Understanding how to get the light elements into the core is "not straightforward," he said, with hydrogen a particular problem.
"We're working on this problem and might need some type of out-of-the-box thinking," Khan said.
10 of 1,000
InSight landed on Mars in November 2018 and began recording marsquakes in February 2019. In that time, it has detected more than a thousand distinct seismic events. So why has it taken more than two years to understand the planet's interior?
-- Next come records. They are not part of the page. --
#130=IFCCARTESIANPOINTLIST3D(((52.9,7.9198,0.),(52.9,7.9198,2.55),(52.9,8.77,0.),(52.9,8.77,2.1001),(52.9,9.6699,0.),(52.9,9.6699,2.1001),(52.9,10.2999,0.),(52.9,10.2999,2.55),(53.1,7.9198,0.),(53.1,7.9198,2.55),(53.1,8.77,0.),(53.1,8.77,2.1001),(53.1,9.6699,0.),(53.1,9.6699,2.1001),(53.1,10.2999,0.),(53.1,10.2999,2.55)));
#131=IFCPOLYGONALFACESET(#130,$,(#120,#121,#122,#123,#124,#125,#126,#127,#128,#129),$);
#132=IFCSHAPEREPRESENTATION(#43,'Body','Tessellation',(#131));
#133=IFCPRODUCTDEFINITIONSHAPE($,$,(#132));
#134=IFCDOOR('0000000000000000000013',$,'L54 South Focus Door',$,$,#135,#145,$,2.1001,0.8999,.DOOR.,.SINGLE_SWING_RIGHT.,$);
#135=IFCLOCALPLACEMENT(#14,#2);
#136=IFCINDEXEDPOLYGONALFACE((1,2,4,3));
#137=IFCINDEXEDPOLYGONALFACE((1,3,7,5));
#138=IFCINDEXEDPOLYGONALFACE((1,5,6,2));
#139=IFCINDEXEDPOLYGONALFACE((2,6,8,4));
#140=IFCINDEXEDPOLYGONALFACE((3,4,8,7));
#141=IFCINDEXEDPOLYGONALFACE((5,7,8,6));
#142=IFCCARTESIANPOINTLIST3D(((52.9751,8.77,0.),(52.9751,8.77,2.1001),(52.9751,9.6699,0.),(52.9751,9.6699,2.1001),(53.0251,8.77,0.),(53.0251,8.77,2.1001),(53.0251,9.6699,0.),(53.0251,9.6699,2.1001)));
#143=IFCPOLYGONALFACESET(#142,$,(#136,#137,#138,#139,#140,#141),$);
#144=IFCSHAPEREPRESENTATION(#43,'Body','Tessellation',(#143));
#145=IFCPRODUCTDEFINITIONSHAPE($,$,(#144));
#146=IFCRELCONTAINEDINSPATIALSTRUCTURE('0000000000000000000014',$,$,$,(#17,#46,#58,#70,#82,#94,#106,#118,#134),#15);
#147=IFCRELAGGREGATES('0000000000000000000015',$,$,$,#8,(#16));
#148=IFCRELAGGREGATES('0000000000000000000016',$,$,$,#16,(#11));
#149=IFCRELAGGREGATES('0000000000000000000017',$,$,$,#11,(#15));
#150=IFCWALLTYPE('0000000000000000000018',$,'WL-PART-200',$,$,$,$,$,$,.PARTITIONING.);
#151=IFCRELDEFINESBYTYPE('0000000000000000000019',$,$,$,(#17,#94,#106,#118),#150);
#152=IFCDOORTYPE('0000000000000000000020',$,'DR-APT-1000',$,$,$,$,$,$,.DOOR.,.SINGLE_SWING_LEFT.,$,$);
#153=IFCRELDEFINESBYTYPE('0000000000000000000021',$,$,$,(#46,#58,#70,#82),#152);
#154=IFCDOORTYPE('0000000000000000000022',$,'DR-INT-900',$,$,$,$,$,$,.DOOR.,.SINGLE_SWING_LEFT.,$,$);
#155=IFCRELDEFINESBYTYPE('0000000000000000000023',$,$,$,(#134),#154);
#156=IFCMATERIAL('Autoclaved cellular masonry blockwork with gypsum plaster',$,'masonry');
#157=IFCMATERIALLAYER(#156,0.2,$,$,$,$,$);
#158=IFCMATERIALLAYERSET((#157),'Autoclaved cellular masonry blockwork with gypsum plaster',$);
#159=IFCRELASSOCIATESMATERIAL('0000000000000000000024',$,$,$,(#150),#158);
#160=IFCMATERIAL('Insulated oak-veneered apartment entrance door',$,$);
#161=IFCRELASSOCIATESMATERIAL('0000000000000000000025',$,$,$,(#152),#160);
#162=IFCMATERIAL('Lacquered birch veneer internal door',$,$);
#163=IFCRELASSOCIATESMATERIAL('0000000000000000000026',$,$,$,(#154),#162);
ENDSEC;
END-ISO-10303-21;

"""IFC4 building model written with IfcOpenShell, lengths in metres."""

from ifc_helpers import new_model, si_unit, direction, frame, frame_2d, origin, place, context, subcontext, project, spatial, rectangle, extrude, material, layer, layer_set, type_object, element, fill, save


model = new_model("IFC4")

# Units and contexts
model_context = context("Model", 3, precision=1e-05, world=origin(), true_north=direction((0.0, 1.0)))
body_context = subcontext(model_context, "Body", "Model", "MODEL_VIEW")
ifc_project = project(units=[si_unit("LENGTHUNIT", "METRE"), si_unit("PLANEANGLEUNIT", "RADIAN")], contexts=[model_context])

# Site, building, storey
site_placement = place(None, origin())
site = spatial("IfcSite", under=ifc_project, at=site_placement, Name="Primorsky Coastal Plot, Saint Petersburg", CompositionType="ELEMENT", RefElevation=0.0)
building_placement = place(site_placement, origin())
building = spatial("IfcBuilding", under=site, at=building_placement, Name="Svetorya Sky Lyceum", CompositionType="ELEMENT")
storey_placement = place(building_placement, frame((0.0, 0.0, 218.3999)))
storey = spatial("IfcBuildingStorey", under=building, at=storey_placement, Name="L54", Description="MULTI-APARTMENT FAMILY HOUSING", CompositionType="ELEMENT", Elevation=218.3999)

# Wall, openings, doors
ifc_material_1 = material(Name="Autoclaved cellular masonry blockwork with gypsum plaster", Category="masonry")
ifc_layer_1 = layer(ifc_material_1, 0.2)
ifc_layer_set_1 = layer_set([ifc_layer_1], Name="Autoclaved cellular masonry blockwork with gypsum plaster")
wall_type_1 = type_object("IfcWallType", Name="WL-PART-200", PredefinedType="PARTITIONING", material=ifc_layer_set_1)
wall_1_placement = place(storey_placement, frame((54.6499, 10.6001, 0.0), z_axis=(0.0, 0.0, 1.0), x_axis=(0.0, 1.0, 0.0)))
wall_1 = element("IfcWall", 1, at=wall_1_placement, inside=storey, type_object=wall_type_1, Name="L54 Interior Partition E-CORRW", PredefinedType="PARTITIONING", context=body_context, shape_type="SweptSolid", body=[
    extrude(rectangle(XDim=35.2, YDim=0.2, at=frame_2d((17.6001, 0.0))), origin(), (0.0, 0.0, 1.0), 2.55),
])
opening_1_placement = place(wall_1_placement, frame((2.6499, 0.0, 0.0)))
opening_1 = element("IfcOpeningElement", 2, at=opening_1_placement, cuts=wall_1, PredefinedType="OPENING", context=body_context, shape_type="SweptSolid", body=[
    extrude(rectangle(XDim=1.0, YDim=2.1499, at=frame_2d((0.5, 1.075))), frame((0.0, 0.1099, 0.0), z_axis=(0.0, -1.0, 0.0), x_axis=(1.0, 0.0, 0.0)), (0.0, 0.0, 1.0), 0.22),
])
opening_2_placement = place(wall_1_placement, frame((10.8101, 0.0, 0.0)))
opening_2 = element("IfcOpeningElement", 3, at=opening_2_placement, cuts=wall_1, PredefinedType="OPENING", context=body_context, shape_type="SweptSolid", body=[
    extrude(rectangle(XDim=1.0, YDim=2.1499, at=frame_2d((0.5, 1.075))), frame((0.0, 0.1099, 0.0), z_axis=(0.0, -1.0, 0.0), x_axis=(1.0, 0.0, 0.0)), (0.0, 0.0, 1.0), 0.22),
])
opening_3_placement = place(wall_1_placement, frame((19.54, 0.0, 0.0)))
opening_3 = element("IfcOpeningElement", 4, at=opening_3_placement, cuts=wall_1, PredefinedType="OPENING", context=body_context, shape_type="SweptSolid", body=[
Part of the problem is sorting the results from the noise. According to Knapmeyer-Endrun, more than half the recorded events are super-high frequency, suggesting that they are caused not by quakes but by temperature swings. These tremors are too shallow to provide information on the layers. Another fraction of the quakes are high-frequency events that cannot be used to study the layers. They aren't junk — Knapmeyer-Endrun said they can be used to study shallow structure — but they aren't helpful when it comes to understanding the deeper layers of Mars.
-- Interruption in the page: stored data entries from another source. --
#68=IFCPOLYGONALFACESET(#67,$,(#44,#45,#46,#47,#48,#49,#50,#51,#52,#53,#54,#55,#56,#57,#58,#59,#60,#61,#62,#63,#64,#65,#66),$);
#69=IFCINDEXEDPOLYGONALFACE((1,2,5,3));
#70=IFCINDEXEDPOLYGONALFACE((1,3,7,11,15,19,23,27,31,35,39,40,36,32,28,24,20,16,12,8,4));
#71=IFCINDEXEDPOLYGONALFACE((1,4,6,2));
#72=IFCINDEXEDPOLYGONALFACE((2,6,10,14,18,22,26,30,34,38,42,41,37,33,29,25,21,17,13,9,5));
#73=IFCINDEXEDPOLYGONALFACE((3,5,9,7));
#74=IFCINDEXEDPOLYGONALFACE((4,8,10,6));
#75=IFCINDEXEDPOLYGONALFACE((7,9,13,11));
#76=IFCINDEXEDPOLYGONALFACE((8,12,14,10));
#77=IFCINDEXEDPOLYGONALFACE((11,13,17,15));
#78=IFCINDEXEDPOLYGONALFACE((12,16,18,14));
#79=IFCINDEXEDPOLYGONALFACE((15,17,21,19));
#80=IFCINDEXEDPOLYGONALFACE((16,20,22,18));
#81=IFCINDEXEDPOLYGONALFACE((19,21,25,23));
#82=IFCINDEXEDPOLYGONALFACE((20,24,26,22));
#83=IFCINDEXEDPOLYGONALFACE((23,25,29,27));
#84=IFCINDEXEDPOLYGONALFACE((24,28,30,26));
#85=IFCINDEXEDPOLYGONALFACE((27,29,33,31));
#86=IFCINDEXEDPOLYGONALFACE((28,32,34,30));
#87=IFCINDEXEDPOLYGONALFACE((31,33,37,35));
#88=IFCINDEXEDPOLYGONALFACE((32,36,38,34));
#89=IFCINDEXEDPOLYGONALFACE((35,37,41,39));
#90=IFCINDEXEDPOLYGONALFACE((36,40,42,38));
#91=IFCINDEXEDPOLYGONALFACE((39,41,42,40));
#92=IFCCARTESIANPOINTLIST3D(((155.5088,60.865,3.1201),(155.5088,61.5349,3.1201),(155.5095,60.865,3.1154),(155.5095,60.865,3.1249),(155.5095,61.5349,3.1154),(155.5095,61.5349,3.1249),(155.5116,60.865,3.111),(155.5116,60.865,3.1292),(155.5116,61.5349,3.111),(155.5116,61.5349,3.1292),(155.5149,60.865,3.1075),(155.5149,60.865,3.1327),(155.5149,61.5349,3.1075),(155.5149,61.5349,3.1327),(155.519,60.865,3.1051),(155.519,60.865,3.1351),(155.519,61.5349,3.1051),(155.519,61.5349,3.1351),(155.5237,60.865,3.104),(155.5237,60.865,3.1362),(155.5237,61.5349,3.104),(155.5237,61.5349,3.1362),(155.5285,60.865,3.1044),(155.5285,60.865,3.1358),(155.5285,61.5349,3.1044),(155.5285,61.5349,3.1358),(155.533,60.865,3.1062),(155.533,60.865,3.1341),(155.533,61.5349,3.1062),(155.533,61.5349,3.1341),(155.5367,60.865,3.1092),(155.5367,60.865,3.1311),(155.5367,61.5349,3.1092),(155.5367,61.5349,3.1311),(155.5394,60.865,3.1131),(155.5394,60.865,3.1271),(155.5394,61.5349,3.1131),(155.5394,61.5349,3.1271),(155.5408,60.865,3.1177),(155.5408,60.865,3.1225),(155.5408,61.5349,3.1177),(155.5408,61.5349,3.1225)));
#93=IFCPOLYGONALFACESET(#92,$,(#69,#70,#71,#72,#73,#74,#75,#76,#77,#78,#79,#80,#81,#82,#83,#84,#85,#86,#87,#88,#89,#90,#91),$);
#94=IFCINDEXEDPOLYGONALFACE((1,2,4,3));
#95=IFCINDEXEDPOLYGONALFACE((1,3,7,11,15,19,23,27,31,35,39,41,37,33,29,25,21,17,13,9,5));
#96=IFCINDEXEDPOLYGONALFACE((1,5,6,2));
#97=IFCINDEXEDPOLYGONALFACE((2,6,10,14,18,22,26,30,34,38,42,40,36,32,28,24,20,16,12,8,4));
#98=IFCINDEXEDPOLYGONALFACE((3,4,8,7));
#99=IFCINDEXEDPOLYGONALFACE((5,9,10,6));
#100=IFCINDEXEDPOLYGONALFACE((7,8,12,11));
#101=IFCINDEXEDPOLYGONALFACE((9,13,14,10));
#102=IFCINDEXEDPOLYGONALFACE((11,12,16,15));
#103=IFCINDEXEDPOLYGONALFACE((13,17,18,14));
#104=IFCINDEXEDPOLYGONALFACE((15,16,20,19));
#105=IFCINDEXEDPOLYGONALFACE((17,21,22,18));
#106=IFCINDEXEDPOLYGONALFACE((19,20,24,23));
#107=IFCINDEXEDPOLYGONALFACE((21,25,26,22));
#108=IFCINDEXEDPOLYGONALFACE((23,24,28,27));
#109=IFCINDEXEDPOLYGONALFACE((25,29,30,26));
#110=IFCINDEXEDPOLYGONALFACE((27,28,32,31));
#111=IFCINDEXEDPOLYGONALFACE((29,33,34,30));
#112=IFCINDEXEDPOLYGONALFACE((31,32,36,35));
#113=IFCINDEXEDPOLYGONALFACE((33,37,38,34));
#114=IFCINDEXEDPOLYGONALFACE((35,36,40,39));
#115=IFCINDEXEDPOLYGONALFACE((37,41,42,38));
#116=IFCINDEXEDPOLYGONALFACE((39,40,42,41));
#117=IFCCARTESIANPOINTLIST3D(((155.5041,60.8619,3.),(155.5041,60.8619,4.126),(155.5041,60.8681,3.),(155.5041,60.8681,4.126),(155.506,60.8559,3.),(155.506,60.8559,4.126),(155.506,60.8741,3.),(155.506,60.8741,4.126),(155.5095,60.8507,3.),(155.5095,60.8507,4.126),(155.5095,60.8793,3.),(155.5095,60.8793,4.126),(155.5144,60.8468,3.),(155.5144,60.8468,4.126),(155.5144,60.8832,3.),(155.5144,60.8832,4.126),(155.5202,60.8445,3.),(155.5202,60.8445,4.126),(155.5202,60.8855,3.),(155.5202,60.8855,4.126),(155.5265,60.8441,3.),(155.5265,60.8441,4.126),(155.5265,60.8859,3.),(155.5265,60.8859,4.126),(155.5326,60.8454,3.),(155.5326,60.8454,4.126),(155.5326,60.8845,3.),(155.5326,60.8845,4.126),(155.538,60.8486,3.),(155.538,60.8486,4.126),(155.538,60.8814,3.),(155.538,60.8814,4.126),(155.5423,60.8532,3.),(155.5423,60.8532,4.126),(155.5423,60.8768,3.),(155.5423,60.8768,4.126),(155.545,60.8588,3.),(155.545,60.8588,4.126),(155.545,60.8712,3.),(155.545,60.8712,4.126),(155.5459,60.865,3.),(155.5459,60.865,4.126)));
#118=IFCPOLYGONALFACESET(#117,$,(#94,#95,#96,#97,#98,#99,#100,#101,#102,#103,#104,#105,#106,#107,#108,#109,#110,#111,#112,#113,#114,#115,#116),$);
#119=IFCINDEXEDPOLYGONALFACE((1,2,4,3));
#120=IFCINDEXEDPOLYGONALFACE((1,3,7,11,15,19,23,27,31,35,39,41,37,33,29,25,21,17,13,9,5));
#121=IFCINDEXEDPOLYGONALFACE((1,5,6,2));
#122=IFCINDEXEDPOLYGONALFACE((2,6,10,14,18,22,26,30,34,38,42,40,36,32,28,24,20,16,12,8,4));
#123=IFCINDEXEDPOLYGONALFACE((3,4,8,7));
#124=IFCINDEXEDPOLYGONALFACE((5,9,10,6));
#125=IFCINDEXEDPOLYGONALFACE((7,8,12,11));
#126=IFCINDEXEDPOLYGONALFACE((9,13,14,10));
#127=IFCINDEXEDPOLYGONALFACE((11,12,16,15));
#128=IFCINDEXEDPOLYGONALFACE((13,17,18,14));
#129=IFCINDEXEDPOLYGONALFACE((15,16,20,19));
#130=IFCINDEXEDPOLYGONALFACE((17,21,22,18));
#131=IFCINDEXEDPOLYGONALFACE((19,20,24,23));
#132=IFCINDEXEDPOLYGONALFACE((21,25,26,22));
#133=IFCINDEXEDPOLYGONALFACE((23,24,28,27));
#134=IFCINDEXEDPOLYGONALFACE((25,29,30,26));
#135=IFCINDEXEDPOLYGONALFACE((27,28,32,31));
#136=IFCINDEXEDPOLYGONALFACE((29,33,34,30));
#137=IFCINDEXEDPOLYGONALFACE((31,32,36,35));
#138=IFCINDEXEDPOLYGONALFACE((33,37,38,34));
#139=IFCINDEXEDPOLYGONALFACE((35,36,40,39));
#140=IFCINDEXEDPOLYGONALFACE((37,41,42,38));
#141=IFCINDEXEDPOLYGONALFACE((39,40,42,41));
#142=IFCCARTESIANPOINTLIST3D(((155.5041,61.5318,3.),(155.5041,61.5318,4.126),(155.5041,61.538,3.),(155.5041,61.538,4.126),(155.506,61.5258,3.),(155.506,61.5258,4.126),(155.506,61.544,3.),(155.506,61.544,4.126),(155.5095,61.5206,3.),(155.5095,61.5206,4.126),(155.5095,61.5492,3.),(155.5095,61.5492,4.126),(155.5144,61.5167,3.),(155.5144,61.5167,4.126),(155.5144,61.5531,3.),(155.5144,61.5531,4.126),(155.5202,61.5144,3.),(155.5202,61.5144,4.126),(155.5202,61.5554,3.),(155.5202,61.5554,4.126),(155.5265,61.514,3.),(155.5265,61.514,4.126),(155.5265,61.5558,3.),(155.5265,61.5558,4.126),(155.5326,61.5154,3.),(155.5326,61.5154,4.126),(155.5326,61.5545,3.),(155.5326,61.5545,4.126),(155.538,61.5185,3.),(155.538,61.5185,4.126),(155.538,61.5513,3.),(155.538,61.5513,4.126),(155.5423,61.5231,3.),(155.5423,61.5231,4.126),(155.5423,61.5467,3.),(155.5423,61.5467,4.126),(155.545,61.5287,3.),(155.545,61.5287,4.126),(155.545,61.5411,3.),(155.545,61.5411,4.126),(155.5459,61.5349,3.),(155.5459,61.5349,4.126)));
"Less than 5% of all the seismic events reported belong to the low-frequency family and generate waves propagating through the mantle, so they can interact with the boundary between the mantle and crust below InSight and tell us something about the depth of this interface," Knapmeyer-Endrun said. And not all of those are of high enough quality to allow researchers to glean their location, a requirement for the new research.
"This is similar to the situation on Earth, where there are about 100,000 quakes with a magnitude 3.0 or higher recorded somewhere on Earth every year, but only the largest 1% or so would be used for global studies of the interior of the planet," she said.
Out of the more than 1,000 quakes recorded on Mars, the trio of new studies focused on only 10 different quakes.
Additionally, the Martian winter brought higher wind, which drowned out attempts to measure quakes. According to Knapmeyer-Endrun, InSight recorded very little seismic activity for more than 200 days, leading the team to worry that they might not be able to see any more quakes before the lander ran out of power. Attempts to clean the spacecraft's solar panels improved the situation somewhat, and Insight is back to collecting seismic data.
The final reason for the long delay is the novelty of the tasks the researchers were performing.
"Because it was a rather limited data set and we are the first to attempt this on Mars, we also took more time to look at the data again and again to be extra sure of our interpretations and conclusions," Knapmeyer-Endrun said.